En 2020, il a été constaté "une poursuite de la hausse des volumes en provenance de Colombie (+19kt) et du Laos (+9kt)", et "une baisse significative du volume des importations qui affecte principalement le Brésil (-16kt), l'Inde (-15kt), le Paraguay (-8Kt) et l'Argentine (-4 kt).

Les "plaques tournantes" européennes que sont la Belgique et les Pays-Bas ont significativement baissé leur volume d'importation, ainsi que la Suède, tandis que les "flux directs" n'ont pas affectés (hausse des volumes allemands (+8kt) et dans une moindre mesure italiens (+4kt).

Le nouveau règlement modifiera-t-il ce schéma ?

L'entrée en vigueur du nouveau cadre réglementaire pour la production biologique au 1er janvier 2022 implique que les produits biologiques importés dans l'Union européenne -sauf accord commercial réciproque - devront être certifiés conformes (et non plus équivalents comme actuellement) aux règles en vigueur dans l'Union européenne. "Certains pays tiers - bénéficiant actuellement de la règle d'équivalence - pourraient en effet se voir refuser l'accès futur au marché européen sans conformité stricte avec les règles européennes", met en avant l'association. Ce nouveau règlement pourrait donc modifier la structure actuelle de marché. Autre conséquence possible, selon l'ARTB, un renchérissement des couts de production dans les pays tiers, pouvant "soutenir" les prix sur le marché européen et favoriser un développement supplémentaire de la production européenne.

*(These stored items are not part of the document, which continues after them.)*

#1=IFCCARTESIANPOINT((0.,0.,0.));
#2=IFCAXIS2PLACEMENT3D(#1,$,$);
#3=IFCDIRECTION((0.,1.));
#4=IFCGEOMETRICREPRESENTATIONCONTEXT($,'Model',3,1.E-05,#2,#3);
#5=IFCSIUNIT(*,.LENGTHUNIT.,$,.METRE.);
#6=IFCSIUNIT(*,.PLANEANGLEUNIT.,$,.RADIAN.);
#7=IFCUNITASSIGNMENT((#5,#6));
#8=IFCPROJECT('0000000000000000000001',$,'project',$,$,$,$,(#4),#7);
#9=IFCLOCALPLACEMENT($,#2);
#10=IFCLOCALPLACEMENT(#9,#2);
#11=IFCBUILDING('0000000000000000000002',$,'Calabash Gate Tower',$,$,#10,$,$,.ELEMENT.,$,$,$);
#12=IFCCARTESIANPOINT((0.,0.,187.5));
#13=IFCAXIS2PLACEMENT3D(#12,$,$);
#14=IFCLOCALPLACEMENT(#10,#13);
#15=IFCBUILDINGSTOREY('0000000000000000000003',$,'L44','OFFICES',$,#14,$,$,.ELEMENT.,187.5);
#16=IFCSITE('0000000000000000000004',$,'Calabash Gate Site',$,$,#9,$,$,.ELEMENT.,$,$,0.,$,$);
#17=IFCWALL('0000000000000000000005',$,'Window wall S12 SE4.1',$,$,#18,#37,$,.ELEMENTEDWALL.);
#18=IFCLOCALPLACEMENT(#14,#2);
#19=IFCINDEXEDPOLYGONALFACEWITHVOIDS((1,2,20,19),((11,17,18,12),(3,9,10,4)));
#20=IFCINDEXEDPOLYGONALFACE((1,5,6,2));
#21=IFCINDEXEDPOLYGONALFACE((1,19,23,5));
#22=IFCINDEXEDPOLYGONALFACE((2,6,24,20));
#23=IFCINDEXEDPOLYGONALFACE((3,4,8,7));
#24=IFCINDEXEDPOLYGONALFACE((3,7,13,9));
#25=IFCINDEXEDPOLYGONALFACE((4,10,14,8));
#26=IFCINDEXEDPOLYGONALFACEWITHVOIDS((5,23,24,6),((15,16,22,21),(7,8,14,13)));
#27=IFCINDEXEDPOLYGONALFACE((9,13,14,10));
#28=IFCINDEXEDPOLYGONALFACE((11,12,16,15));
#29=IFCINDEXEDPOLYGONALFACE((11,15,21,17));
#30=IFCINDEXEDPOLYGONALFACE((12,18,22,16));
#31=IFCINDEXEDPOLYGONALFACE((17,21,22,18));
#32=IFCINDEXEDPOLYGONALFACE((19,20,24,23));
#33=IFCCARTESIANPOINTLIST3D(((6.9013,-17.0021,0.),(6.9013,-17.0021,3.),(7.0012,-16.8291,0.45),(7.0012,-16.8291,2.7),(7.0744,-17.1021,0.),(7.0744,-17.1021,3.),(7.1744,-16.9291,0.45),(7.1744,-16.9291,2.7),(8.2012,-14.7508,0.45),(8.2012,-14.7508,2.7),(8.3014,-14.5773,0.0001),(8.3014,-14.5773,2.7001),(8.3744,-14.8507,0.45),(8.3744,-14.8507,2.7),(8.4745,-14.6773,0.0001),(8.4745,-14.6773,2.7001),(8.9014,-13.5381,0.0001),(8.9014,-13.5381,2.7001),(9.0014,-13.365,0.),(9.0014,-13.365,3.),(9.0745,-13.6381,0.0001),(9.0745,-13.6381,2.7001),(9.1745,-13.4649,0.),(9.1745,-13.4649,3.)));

"A moyen ou long terme, la structure du marché européen du sucre biologique pourrait être profondément modifiée", conclut l'ARTB.

Ceci étant, afin que les organismes et autorités de contrôle et les opérateurs établis dans des pays qui ont été reconnus comme "équivalents" puissent se mettre en conformité avec le nouveau règlement, la date d'expiration de leur reconnaissance d'équivalence est maintenue jusqu'au 31 décembre 2026.